America at Large:If it wasn't for bad luck I wouldn't have no luck at all. - Booker T Jones (Born Under a Bad Sign).
His full name is Jesus Gabriel Sandoval Chavez and for over a dozen years he has fought under the nom de guerre "El Matador", but he probably ought to change it to something simpler, like Job.
He was born in Mexico but grew up in the United States and considers himself an American. (The INS, which has deported him twice, disagrees.) Chavez was 17 and living in Chicago when he assisted a friend in the botched robbery of a grocery store. He served four-and-a-half years in prison and was expelled from the country after his release.
Chavez hadn't set foot in Mexico since he was 10 years old, when the INS shipped him across the border with $50 in his pocket. He would shortly learn that in the land of his birth he was regarded as a "Pocho", meaning discoloured, or rotten - the Mexican equivalent of what Gringos call a "wetback".
He quietly slipped back across the border and took up residence in Austin, Texas, where he began to box. It has been observed, accurately, that while prison probably didn't rehabilitate him, boxing did.
Even when he began knocking out opponents he didn't attract much attention outside the southwestern United States, but by 1997 he had won 21 of 22 fights and was poised to challenge for a world title when the government figured out that this Jesus Chavez who was fighting on national television was the same Jesus Chavez it had run out of the country three years earlier.
Chavez was deported again. While a battery of lawyers appealed his case, he spent nearly three years plying his trade south of the border. He won 10 fights in Mexico and another in Poland before the INS relented and granted him a visa to rejoin his mother in the US.
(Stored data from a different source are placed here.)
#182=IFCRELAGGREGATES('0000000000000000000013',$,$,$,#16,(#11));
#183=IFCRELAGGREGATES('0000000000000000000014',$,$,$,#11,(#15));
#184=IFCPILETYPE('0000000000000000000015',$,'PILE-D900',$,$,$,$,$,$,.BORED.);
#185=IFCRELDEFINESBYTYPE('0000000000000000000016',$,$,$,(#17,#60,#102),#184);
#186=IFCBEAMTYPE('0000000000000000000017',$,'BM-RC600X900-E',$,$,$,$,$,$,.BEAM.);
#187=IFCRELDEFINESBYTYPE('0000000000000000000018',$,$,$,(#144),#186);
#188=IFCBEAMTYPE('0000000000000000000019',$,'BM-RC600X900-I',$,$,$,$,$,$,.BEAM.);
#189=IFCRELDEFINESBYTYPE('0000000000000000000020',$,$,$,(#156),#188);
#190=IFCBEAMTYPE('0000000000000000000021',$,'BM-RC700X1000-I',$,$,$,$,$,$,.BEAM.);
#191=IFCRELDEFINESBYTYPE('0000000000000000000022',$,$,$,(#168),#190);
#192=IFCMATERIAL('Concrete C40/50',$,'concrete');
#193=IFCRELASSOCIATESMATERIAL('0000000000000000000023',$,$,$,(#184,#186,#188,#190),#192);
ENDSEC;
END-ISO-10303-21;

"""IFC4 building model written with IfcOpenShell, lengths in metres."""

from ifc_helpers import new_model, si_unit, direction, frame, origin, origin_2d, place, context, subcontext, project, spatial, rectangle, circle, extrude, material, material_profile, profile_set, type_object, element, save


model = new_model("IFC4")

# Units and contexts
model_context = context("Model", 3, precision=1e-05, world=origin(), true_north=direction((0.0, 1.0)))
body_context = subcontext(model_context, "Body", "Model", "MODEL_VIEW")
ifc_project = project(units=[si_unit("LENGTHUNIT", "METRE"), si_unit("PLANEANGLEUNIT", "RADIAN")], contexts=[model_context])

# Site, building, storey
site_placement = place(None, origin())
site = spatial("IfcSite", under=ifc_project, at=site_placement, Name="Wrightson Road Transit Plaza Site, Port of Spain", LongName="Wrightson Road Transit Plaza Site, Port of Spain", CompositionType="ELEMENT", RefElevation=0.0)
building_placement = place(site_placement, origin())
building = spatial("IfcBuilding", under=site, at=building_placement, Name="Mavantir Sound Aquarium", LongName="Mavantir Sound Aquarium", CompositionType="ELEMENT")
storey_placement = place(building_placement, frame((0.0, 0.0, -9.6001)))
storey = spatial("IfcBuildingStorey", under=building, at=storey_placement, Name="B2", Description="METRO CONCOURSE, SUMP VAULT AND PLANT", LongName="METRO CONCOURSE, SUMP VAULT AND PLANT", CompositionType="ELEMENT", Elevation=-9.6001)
In November of 2001, Chavez got his first crack at a world title. The undefeated Floyd Mayweather jr stopped him in the ninth round of their super-featherweight championship fight in San Francisco.
When Mayweather moved up to lightweight a year later, Chavez got another crack at the title and beat Thailand's Sirimongkol Signwangcha.
In his first defence, he met Erik Morales and dropped a decision in Las Vegas.
He subsequently underwent surgeries on two injuries - a torn rotator cuff and a torn ACL in his left knee - sustained in the Morales fight, and was out of the ring for the next 15 months.
In his first fight back, he handily outpointed Carlos (Famoso) Hernandez to earn yet another title shot, this time for the IBF lightweight championship. Chavez scored an 11th-round TKO over Leavander Johnson to win the world title, but any celebration was subdued. Johnson collapsed in his dressingroom and was rushed to hospital. He underwent brain surgery but died without regaining consciousness.
Chavez maintained a vigil at the hospital and flew to New Jersey for the funeral, even though he wasn't sure how he would be received. (Warmly, it turned out. He still maintains contact with Johnson's family.)
Chavez sought professional counselling to help him deal with depression and the trauma of having killed, albeit inadvertently, a man in the ring.
"Leavander was a true warrior with a tremendous heart," Chavez recalled a couple of weeks ago. "Every day I think of him and say a prayer for him and his family. He will never be forgotten."
With the support of his own family and Johnson's, Chavez prepared for a return to the ring and a career-high $500,000 pay-day in a HBO fight against Marco Antonio Barrera, only to have the bout derailed by injuries. He had two more surgeries, one to his other shoulder and another on a torn right biceps tendon.
He was matched against a fellow Mexican-born American resident, Julio Diaz, last November, but the title bout had to be postponed when Chavez underwent an emergency appendectomy. And lest everything else appear to be going too well, he and his wife, Aundida, divorced last year.
By the time Chavez climbed into the ring against Diaz at the Silver Spurs Rodeo Arena in Florida last Saturday night, it had been a year and a half since he had thrown a punch in anger.
"It has been a long journey for me, both mentally and physically, but I think that I have done a pretty good recovery on those issues. I have never really fought any easy opponents," said Chavez a few days before the bout.
"Taking on Diaz in my first outing after 16 months is quite a task for me, but I have been in this situation before. I'm looking forward to boxing again."
Chavez-Diaz was the second of three world title bouts scheduled for Don King's "Super Saturday" card in Kissimmee.
The Chavez comeback didn't last long. After two relatively lacklustre rounds (we gave them one apiece; three judges awarded both to Diaz), the fighters had just gotten to mid-ring to begin the third when Diaz lashed out with a jab.
Chavez tried to roll with the punch, at once avoiding it and positioning himself to counterpunch, but as he shifted his weight from his left to his right side, his right knee buckled and the leg went right out from beneath him. He pitched forward to the canvas and lay there twitching, no more than 10 feet away from where we sat, while Frank Santore counted him out.
"It just gave out on me," Chavez would recall later. "And that was supposed to be my good knee."
It was the first time in 47 professional fights that Chavez had taken a 10-count. Now the question looms: has his star-crossed career merely taken one more wrong turn, or will this latest mishap end it entirely?